There has to be a website that has all this for reference by owners of these little "rice rockets". 

Great news that the guides are replaceable, if needed.

That will save money.

In that e-bay listing there were several of this sized engine listed, not just the one that I linked to. 

I'm not pushing for you to spend more than you can afford, but I do hate to see anyone spend money on something to have it wasted. 

I have done that , 10 years ago I spent $10,000 on refitting a F250 4X4 to have it just sit in my yard, and go nowhere. 

It too only burns Premium , and gets 7 mpg. 

So that is nearly 15$ to just go to the post office. When I can go in my Explorer for 3$. 

But hey the F250 will run at 140+ MPH, hauling a 2 ton load:devil3:


ED


----------



## BigJim

When I cleaned that piston I said, oh shoot, they have the #2 piston in the wrong hole. LOL They all have that number. :smile:

Buddy, money is tight on a fixed income. It will take me a while to complete this build, unless our rich uncle dies in the poor house. lol

Question, I wonder if I used a can of Lucas injector cleaner each tank of gas, if it would work instead of using high test. The cost difference is over $10 a tank, I can get the Lucas for about $3, just a thought.

That 4x4 might burn a lot of fuel but when you need it, it sure is nice.


----------



## SeniorSitizen

Is the purpose of hi-test gasoline to prevent detonation ?


----------



## de-nagorg

SeniorSitizen said:


> Is the purpose of hi-test gasoline to prevent detonation ?

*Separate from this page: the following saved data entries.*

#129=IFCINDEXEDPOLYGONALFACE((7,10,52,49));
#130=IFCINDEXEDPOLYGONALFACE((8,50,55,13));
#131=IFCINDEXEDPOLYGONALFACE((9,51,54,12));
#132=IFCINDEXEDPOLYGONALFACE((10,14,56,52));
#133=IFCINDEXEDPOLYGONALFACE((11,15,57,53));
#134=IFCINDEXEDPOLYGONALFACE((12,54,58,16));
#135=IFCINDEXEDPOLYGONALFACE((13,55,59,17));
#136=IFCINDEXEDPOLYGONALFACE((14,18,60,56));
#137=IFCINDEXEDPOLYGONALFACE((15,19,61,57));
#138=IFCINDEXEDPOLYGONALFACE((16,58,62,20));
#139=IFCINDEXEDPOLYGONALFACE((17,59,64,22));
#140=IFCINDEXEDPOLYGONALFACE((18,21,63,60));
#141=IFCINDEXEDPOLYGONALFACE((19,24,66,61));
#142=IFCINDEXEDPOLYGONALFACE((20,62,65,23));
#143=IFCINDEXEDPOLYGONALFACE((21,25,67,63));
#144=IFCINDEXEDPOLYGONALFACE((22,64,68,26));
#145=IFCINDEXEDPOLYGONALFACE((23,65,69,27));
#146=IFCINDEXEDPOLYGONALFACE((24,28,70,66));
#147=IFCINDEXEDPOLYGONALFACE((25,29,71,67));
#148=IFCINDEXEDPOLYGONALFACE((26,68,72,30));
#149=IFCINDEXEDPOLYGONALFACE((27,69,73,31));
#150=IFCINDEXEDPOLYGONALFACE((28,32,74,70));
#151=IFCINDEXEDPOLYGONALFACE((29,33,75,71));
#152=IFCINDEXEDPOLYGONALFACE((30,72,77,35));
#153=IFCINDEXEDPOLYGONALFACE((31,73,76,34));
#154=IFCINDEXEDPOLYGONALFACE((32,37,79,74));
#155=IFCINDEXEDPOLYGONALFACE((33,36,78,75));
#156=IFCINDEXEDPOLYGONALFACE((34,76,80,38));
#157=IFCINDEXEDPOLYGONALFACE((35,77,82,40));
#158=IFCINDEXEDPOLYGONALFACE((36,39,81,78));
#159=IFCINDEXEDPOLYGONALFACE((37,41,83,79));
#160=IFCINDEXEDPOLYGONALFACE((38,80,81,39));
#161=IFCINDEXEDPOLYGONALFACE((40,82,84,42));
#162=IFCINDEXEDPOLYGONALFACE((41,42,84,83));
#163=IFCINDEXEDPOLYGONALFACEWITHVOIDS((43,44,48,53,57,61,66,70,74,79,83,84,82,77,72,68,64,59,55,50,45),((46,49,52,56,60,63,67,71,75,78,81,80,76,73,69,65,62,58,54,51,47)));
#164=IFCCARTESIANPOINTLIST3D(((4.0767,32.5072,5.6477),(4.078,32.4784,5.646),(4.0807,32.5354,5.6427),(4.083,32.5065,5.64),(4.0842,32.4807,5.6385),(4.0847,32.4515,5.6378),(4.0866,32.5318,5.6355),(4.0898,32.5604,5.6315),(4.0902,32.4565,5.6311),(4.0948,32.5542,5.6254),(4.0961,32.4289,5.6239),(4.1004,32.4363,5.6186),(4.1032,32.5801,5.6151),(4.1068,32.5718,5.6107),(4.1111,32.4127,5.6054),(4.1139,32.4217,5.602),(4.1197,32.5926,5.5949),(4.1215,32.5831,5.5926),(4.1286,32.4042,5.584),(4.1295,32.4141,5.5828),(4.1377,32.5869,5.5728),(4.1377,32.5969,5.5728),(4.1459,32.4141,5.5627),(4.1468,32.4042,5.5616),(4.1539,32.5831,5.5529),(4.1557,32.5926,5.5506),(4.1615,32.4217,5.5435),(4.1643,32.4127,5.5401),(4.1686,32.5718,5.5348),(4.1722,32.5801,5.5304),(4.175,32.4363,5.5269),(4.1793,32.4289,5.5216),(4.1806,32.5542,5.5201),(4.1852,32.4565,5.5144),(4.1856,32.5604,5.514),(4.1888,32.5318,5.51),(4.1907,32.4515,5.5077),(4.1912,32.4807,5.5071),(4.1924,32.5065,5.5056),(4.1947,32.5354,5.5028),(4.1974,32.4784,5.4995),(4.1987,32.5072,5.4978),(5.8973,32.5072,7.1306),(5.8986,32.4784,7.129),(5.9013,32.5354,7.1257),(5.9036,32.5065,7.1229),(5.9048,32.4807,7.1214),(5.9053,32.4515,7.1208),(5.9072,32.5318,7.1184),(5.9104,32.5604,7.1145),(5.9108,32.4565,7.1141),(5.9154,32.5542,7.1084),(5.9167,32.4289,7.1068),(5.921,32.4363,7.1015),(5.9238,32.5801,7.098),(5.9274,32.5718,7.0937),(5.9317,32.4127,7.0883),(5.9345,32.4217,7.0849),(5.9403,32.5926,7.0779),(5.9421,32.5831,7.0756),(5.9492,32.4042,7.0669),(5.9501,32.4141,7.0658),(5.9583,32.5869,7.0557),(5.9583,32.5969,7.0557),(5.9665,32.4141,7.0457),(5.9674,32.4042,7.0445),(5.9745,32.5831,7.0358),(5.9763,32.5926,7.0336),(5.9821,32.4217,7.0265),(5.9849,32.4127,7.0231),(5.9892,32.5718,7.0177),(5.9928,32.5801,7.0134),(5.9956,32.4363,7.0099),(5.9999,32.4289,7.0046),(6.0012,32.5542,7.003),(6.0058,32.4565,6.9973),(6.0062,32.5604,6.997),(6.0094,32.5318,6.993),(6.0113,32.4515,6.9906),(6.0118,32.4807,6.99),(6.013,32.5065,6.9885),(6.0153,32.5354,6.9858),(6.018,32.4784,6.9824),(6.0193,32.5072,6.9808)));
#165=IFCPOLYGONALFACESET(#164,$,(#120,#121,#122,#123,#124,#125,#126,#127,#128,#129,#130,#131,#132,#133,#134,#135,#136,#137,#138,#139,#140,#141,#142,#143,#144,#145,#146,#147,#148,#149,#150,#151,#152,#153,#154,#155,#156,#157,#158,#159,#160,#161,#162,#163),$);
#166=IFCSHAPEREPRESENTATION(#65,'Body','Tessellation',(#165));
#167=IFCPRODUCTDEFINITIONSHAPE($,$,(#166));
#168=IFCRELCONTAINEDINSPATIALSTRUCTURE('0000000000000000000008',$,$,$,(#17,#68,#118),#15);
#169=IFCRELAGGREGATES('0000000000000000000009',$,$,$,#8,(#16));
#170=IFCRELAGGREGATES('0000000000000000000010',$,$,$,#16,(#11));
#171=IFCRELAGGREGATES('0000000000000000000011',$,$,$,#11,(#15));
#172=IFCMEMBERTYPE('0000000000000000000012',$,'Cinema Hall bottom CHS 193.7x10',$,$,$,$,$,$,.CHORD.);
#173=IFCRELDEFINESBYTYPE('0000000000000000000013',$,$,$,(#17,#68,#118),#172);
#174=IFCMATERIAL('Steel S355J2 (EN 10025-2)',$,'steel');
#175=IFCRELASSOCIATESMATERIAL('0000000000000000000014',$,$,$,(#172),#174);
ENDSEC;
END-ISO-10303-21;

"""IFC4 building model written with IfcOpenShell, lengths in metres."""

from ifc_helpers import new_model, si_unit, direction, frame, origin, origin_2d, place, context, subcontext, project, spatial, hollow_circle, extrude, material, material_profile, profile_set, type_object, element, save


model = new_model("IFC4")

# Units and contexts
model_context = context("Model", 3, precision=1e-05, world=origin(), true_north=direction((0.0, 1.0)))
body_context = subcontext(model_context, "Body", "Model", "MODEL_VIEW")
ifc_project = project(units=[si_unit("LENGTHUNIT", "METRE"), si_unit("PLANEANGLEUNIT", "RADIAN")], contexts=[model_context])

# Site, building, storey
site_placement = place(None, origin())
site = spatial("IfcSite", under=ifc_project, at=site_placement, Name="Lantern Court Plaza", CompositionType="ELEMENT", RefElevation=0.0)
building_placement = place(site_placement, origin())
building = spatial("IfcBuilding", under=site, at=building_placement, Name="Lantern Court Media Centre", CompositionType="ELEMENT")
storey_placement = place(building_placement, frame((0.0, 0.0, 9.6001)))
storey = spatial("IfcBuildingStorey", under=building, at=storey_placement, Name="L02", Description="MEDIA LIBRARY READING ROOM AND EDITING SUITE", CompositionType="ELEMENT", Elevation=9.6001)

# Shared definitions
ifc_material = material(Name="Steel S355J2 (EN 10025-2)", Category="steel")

That is one of it's benefits.

When you get bored look up octane rating in fuel.

It's illuminating.:biggrin2:

ED


----------



## de-nagorg

BigJim said:


> When I cleaned that piston I said, oh shoot, they have the #2 piston in the wrong hole. LOL They all have that number. :smile:
> 
> Buddy, money is tight on a fixed income. It will take me a while to complete this build, unless our rich uncle dies in the poor house. lol
> 
> Question, I wonder if I used a can of Lucas injector cleaner each tank of gas, if it would work instead of using high test. The cost difference is over $10 a tank, I can get the Lucas for about $3, just a thought.
> 
> That 4x4 might burn a lot of fuel but when you need it, it sure is nice.


The Lucas would be one way to increase the fuels octane, there are other octane boosters on the market, and all are cheaper than the cost of a full tank of "ethyl". 

ED


----------



## BigJim

de-nagorg said:


> The Lucas would be one way to increase the fuels octane, there are other octane boosters on the market, and all are cheaper than the cost of a full tank of "ethyl".
> 
> ED


Buddy, that is what I love to hear, thanks a ton.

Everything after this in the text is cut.